The pension board invests the pension funds of federal civil servants, RCMP officers and members of the Canadian Forces, and has its directors appointed by the federal government with some input from public servants.

According to its website, it had $94 billion in assets under management as of March 31.

Berlin apartments owned by Canadian civil servant pension plan

The pension board bought these Berlin apartments, and many others, through a complex web of companies based in Luxembourg. (Harvey Cashore/CBC)

Between 2008 and 2013, hundreds of millions of that was held in real estate in Germany, though the leaked records also lead to assets in France, Spain, Norway, the Netherlands, Britain and Belgium.

The documents — which consist of a tax plan devised for the pension board by global accounting firm PricewaterhouseCoopers — show that the pension fund acquired 69 mixed residential and commercial buildings, totalling nearly 4,500 suites and units, in Berlin in 2008.

CBC News has learned the buildings were acquired for close to $390 million. But as a result of the way the transaction was structured, the pension investment board would have avoided paying nearly $20 million in German taxes.

The purchase exploited a loophole in Germany's land transfer tax, which is normally levied on any entity that acquires 95 per cent or more of the shares of a real-estate holding company.

PricewaterhouseCoopers Luxembourg offices

The blueprint for the pension board's tax strategy was drawn up at the Luxembourg offices of PricewaterhouseCoopers. (Harvey Cashore/CBC)

Instead, the pension board bought a direct 94.4 per cent interest in a number of Luxembourg-based property holding companies, and then obtained an indirect interest by taking a large majority position in entities that held the remaining 5.6 per cent.

The board thus obtained a 96.4 per cent overall stake in the Berlin buildings, but the German loophole meant the indirect holdings weren't counted toward the real-estate transfer tax — so it didn't pay any.

PricewaterhouseCoopers's own experts refer to this kind of set-up as a tax "avoidance scheme," though the firm said in a statement that it rejects "any suggestion that there is anything improper" about its work.

Germany closed the loophole last year.  

'No issue was raised'

Pension board vice-president Mark Boutet acknowledged in an email to CBC News on Tuesday that the board's Berlin investments used the arrangement, but said it was "communicated to the German tax authorities and no issue was raised in that regard."

"Before German legislators changed the law, this approach was used by other investors and was consistent with German case law," Boutet wrote. "We respectfully disagree with your characterization of our actions as 'aggressive tax avoidance.' "

Send us tips

If you have more information on this or any other story, email us at investigations@cbc.ca

The board also avoided paying almost any tax in Luxembourg, because it used a complex system of cascading loans between the different companies it owns. (As a pension plan, it is tax-exempt in Canada.)

And Boutet acknowledged that by acquiring and then selling some of the Berlin real estate using non-German corporations, the pension board saved some money on German capital gains taxes.

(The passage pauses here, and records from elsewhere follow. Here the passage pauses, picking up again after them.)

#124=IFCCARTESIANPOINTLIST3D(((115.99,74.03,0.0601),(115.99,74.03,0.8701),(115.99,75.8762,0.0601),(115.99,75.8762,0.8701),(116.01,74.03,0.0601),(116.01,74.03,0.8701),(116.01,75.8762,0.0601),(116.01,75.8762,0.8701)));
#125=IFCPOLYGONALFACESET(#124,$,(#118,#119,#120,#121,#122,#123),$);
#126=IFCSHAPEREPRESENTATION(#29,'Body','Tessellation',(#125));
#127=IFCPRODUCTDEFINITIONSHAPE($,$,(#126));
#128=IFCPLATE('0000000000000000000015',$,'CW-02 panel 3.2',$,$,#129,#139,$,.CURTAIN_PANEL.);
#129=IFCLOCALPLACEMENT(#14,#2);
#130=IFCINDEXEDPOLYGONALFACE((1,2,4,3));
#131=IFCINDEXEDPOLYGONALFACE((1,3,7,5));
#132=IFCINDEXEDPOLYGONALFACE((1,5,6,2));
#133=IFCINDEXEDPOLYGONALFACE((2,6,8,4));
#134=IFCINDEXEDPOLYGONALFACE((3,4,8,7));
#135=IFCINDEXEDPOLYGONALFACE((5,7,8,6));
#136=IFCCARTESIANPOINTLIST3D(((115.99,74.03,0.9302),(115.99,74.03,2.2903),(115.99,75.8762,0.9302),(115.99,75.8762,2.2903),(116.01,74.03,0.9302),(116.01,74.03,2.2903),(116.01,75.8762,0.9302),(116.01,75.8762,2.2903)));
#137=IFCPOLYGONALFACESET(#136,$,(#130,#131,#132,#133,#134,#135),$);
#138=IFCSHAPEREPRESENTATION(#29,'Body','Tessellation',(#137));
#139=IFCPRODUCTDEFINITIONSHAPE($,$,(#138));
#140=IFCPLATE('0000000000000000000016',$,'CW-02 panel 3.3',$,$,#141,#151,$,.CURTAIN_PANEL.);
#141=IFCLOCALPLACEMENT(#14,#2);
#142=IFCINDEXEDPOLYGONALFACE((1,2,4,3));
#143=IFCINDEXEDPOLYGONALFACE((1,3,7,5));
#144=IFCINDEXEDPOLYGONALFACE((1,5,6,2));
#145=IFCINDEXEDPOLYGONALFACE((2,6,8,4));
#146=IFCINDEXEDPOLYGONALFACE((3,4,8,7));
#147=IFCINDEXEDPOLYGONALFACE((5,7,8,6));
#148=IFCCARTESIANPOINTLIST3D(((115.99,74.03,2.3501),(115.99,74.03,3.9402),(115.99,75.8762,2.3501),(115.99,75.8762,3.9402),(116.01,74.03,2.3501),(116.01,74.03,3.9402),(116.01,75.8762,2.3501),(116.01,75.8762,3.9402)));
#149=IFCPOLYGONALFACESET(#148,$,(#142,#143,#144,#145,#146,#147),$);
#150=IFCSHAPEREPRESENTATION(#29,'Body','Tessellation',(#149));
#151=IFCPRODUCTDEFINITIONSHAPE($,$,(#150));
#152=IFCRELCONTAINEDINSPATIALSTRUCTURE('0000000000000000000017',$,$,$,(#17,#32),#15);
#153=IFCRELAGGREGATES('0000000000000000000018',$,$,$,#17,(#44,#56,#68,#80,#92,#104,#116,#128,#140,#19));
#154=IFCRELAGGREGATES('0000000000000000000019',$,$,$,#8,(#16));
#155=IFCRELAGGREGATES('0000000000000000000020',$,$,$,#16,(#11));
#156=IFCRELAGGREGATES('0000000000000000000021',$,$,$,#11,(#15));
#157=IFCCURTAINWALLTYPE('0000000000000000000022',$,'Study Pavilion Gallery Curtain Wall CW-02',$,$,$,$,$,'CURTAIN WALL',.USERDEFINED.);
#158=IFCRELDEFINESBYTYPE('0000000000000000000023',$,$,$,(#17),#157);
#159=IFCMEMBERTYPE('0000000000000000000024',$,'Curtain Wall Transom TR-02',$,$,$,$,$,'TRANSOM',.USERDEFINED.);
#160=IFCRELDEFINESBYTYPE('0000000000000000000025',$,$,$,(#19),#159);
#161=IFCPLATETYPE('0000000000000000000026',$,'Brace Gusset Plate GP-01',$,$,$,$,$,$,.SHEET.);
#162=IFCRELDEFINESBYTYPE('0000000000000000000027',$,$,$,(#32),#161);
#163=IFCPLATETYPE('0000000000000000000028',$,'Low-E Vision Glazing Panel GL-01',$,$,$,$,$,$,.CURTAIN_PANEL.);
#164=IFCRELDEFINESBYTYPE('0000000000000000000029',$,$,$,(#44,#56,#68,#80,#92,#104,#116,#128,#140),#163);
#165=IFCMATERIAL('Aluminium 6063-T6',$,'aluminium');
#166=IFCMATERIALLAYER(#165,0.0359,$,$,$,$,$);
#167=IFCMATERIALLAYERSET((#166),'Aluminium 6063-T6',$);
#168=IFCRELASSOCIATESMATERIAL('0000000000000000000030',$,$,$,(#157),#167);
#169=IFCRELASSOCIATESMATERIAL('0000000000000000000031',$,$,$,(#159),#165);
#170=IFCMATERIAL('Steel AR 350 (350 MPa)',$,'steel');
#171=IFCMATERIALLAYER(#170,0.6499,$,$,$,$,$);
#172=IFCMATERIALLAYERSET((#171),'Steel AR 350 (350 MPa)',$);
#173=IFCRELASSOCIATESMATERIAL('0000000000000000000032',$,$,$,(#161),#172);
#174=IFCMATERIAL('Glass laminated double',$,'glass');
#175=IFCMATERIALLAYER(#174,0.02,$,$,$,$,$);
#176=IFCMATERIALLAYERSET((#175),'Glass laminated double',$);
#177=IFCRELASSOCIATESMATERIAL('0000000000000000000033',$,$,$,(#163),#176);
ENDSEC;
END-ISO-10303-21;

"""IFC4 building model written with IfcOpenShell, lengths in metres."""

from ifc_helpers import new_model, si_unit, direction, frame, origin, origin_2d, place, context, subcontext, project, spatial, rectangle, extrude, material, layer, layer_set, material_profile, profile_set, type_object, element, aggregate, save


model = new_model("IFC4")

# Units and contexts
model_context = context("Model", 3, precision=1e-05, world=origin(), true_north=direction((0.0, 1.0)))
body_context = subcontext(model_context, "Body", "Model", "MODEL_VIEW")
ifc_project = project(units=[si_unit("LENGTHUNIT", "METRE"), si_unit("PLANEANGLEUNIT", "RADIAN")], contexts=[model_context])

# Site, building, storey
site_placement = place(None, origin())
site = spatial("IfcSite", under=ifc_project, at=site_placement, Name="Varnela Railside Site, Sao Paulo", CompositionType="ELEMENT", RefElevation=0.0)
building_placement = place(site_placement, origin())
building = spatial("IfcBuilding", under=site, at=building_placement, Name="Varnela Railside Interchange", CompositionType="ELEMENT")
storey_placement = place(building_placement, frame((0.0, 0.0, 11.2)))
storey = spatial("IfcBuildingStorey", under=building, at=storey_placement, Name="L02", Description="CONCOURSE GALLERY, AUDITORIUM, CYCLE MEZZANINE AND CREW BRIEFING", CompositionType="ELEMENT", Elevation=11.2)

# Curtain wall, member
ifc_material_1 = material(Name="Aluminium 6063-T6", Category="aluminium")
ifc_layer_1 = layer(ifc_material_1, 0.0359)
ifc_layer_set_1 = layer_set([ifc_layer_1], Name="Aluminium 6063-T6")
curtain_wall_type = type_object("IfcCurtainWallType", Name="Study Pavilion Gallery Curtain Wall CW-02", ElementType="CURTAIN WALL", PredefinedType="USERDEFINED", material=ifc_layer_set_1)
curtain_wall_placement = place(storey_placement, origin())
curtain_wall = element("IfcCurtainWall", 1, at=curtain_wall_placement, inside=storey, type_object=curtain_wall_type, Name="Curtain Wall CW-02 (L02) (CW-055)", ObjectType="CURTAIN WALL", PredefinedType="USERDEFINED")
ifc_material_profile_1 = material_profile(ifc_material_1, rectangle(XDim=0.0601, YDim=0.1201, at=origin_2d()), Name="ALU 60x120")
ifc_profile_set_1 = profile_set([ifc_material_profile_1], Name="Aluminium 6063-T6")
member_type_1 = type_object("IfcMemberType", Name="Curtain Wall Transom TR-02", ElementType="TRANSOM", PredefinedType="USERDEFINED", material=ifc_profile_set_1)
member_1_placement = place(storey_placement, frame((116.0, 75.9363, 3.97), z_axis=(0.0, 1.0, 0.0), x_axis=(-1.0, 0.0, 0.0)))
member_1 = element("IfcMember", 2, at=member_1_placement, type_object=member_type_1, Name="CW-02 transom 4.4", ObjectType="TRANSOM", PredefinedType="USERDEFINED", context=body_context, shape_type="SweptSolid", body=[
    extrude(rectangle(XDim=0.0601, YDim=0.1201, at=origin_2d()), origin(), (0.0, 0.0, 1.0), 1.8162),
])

But he said it was minimal.

"The capital gain tax on the sale of a German company holding German real estate is less than one per cent," he wrote in an email. "No significant tax advantage resulted from [using] Luxembourg companies."

'Hypocrisy'

CBC reporters tracked those companies to an address in Luxembourg, where two staff rent desks in a shared office and oversee $700 million in civil servants' pension assets.

The revelations come as the Canadian government asserts it is fighting the very kinds of complicated, abusive tax practices that see multinational corporations route their profits through letterbox companies in tax-friendly jurisdictions. Just on Monday, Revenue Minister Kerry-Lynne Findlay told the House of Commons: "One of our government's key areas of concern is the issue of international tax evasion and aggressive tax avoidance."

Luxembourg rent-a-desk office

CBC reporters tracked the pension plan's maze of companies to this address in Luxembourg, where two staff rent desks in a shared office and oversee $700 million in civil servants' pension assets. (CBC)

Finance Minister Joe Oliver and his predecessor, Jim Flaherty, made similar declarations in recent years, as they touted measures to let the Canada Revenue Agency go after more tax from money held and moved offshore.

Canada has also pledged to crack down on international tax wizardry as part of wider efforts on this front by the Paris-based Organization for Economic Co-operation and Development and by the G20. Canada is a member of both groups.

"I think this is hypocritical," German opposition MP Gerhard Schick said of the Canadian pension board's tax planning. "Our governments should work for better rules, but they should also, in the companies they control, make sure that they are not part of the problem and avoid taxes as aggressively as private investors do."

Dalhousie University tax law professor Geoffrey Loomer agreed, saying the pension board's explanation that it follows all applicable tax laws is "the completely standard response given by the likes of Apple, Google, General Electric, Amazon, every multinational pharma corporation, every multinational financial institution."

"I have a problem with the hypocrisy of a government entity engaging in tax avoidance," Loomer said, "while the CRA, OECD and G20 are routinely criticizing 'aggressive tax planning.' " 

If you have more information on this or any other story, email us at investigations@cbc.ca.


Secret tax plan censored

The Public Sector Pension Investment Board's Luxembourg holdings came to light in a large document leak. Separately, CBC applied under access to information legislation to get the same documents directly from the pension board. The files that were released came heavily redacted. See a comparison of the redacted version with the original: 

(On mobile? See the document-reveal animation here)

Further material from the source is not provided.